# Symbols



## smaylen (Mar 16, 2010)

Anyone know were I can get a list ore something over sumpols and stampels?

got some pocket watches with no name but alot of stampels:S

Loved to put out pics but It dose not work:S

Thanks=)


----------



## Mikrolisk (Jan 23, 2008)

A picture would be the best, of course.

Is that just a 'S', or with some other "things" around?

Examples:










Fabrique d'Ebauches de Sonceboz










Emil Schmeckenbecher

There are many more...

Andreas


----------



## smaylen (Mar 16, 2010)

I just can't upload pics here:S

One is just a picture of a watch, and all of them have a crown with a halfmoon, its also a triangle with no script..


----------



## Mikrolisk (Jan 23, 2008)

Just use http://imageshack.us for upload!


----------



## Julian Latham (Jul 25, 2005)

PG Tips, one of the forum moderators, has written a tutorial on posting images.
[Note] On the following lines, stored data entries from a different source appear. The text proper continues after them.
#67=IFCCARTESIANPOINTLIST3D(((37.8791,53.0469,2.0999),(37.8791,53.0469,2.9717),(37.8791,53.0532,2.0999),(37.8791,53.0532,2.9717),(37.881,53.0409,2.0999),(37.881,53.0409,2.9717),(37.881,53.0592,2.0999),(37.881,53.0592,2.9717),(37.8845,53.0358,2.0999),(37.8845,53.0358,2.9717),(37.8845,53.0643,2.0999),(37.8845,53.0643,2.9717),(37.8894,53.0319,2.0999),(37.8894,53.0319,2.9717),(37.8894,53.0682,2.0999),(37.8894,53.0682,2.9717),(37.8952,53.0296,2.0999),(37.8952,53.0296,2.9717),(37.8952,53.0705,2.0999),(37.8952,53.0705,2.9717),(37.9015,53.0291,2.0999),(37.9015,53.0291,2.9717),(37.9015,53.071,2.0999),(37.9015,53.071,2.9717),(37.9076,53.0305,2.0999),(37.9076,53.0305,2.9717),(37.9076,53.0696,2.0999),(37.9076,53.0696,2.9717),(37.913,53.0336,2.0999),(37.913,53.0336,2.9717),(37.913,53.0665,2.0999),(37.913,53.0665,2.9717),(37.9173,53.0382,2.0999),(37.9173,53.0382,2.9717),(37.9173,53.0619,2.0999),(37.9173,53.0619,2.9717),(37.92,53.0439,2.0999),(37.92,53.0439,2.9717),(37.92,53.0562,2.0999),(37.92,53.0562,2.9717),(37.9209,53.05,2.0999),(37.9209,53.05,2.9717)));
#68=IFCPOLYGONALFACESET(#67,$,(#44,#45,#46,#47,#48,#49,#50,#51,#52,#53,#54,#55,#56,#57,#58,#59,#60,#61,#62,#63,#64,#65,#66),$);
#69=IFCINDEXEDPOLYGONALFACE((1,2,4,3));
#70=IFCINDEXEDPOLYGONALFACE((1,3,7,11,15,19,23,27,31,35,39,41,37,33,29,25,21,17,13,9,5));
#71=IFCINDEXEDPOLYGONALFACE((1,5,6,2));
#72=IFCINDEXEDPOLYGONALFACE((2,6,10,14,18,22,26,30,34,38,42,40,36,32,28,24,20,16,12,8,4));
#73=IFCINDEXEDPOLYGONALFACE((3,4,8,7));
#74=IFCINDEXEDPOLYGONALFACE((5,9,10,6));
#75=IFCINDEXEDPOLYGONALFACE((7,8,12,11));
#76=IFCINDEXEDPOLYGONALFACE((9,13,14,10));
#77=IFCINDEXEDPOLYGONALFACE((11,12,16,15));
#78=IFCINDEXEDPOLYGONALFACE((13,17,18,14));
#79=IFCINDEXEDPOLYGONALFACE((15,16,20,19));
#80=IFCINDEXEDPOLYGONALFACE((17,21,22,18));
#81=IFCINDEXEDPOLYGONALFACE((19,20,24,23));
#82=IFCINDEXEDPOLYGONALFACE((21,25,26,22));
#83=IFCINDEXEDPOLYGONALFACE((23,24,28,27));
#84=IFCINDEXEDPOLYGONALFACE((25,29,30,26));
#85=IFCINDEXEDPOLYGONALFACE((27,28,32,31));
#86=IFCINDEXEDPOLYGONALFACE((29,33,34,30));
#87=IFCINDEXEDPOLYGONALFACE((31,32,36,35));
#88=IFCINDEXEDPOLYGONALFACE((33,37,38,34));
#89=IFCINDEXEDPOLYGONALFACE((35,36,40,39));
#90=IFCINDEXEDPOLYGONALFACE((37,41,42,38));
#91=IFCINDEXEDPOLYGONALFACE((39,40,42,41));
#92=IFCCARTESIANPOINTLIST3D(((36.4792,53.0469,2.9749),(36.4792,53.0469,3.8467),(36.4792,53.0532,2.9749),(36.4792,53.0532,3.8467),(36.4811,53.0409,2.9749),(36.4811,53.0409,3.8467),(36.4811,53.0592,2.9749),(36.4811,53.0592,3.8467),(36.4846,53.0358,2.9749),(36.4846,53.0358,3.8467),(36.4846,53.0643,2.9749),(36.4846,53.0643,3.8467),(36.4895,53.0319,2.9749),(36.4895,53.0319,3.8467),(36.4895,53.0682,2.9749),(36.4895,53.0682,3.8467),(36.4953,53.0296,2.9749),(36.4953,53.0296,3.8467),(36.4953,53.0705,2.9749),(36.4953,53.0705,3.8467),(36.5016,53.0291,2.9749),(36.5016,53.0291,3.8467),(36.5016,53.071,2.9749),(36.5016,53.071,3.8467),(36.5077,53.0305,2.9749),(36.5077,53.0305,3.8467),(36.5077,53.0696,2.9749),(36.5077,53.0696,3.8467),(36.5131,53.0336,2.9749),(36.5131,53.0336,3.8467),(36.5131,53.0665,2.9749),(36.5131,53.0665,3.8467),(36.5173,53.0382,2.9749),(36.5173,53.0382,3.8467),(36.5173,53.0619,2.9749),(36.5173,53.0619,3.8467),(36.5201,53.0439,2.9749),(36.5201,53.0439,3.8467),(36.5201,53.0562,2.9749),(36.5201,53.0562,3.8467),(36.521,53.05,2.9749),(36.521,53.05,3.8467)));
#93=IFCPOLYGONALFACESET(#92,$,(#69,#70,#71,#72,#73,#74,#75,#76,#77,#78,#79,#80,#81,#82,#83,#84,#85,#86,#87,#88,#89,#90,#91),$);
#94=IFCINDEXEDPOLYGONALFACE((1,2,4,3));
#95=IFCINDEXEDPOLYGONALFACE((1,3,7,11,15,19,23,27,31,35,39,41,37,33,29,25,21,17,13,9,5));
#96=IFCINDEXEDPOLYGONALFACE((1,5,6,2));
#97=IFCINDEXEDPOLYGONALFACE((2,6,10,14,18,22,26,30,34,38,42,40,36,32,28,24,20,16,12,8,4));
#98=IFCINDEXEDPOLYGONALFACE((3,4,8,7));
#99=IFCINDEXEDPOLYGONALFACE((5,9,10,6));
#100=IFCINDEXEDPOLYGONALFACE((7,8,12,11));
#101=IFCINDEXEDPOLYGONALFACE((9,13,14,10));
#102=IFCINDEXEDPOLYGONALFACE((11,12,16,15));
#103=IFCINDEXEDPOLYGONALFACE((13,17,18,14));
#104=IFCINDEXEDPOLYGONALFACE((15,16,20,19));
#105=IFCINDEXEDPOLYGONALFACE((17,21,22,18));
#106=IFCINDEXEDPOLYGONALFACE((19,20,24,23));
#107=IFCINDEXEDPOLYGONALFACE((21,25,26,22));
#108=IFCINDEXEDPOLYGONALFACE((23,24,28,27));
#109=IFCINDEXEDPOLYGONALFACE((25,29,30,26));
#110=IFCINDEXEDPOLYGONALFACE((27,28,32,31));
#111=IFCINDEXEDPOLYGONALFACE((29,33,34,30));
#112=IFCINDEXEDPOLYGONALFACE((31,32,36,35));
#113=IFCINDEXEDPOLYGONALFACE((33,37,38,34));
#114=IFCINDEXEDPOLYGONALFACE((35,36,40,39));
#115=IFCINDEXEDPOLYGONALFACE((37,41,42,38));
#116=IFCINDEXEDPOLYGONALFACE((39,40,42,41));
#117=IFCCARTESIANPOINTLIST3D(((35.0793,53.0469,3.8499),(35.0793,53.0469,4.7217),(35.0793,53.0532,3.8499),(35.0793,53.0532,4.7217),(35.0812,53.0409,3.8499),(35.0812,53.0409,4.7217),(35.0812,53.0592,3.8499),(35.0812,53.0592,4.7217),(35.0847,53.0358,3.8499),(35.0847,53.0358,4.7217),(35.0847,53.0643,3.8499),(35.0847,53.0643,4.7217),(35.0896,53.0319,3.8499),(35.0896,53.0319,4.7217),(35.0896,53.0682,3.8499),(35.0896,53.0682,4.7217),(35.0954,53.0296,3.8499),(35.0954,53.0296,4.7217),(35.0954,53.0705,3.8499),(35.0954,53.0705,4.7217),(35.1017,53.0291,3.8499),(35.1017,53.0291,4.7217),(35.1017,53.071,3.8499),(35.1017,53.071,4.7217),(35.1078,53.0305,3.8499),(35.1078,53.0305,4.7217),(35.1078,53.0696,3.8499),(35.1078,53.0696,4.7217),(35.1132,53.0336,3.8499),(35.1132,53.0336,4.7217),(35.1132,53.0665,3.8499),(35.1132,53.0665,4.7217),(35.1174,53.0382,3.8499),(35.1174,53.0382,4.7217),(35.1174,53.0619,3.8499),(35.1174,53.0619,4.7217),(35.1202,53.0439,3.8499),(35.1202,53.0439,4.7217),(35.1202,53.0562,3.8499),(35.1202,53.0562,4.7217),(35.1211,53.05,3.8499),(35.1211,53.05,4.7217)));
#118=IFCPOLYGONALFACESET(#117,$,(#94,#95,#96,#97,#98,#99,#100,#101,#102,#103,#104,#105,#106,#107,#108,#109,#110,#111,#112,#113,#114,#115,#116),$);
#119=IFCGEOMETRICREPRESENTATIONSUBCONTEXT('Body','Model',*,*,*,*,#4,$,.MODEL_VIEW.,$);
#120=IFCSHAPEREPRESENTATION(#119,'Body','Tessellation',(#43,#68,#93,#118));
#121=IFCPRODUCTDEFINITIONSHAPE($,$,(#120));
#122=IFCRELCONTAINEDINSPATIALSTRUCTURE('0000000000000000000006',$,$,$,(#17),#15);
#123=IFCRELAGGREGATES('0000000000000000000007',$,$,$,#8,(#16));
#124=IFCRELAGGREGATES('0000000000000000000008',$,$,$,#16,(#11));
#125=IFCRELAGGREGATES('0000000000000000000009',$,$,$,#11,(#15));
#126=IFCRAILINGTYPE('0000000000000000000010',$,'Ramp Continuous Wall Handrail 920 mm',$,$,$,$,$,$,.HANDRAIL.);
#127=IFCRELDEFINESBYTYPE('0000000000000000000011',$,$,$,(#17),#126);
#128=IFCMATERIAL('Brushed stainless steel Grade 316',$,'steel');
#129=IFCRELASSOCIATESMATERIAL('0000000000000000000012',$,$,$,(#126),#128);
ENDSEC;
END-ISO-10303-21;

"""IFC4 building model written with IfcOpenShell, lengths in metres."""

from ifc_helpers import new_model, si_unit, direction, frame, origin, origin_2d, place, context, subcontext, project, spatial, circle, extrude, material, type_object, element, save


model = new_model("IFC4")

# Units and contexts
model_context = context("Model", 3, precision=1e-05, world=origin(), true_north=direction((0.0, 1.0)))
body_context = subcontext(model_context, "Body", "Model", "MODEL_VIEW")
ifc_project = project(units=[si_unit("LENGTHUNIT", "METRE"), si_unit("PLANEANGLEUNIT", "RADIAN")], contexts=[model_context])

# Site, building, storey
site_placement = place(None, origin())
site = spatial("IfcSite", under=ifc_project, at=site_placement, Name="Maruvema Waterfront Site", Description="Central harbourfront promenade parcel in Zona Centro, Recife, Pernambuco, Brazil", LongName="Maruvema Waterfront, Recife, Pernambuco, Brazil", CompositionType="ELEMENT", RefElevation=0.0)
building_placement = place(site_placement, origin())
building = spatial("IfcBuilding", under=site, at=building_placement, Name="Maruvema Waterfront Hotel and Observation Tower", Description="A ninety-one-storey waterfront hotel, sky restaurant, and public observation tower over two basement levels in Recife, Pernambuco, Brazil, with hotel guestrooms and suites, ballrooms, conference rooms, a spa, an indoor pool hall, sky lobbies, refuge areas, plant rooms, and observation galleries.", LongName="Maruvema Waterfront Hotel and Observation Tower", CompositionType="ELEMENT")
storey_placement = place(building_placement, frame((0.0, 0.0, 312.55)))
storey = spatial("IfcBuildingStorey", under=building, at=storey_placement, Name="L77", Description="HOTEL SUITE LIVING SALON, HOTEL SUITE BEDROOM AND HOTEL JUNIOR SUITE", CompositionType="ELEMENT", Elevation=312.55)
Link to tutorial.

Hope it helps.

Julian (L)


----------



## smaylen (Mar 16, 2010)

Julian Latham said:


> PG Tips, one of the forum moderators, has written a tutorial on posting images. Link to tutorial.
> 
> Hope it helps.
> 
> Julian (L)


problem is I dont get that box:S :wallbash:


----------



## smaylen (Mar 16, 2010)

thanks anyway thow=)


----------



## Julian Latham (Jul 25, 2005)

smaylen said:


> Julian Latham said:
> 
> 
> > PG Tips, one of the forum moderators, has written a tutorial on posting images. Link to tutorial.
> ...


Second topic in the 'General Watch Discussion' Forum on this site.


----------



## Mikrolisk (Jan 23, 2008)

Javascript disabled??


----------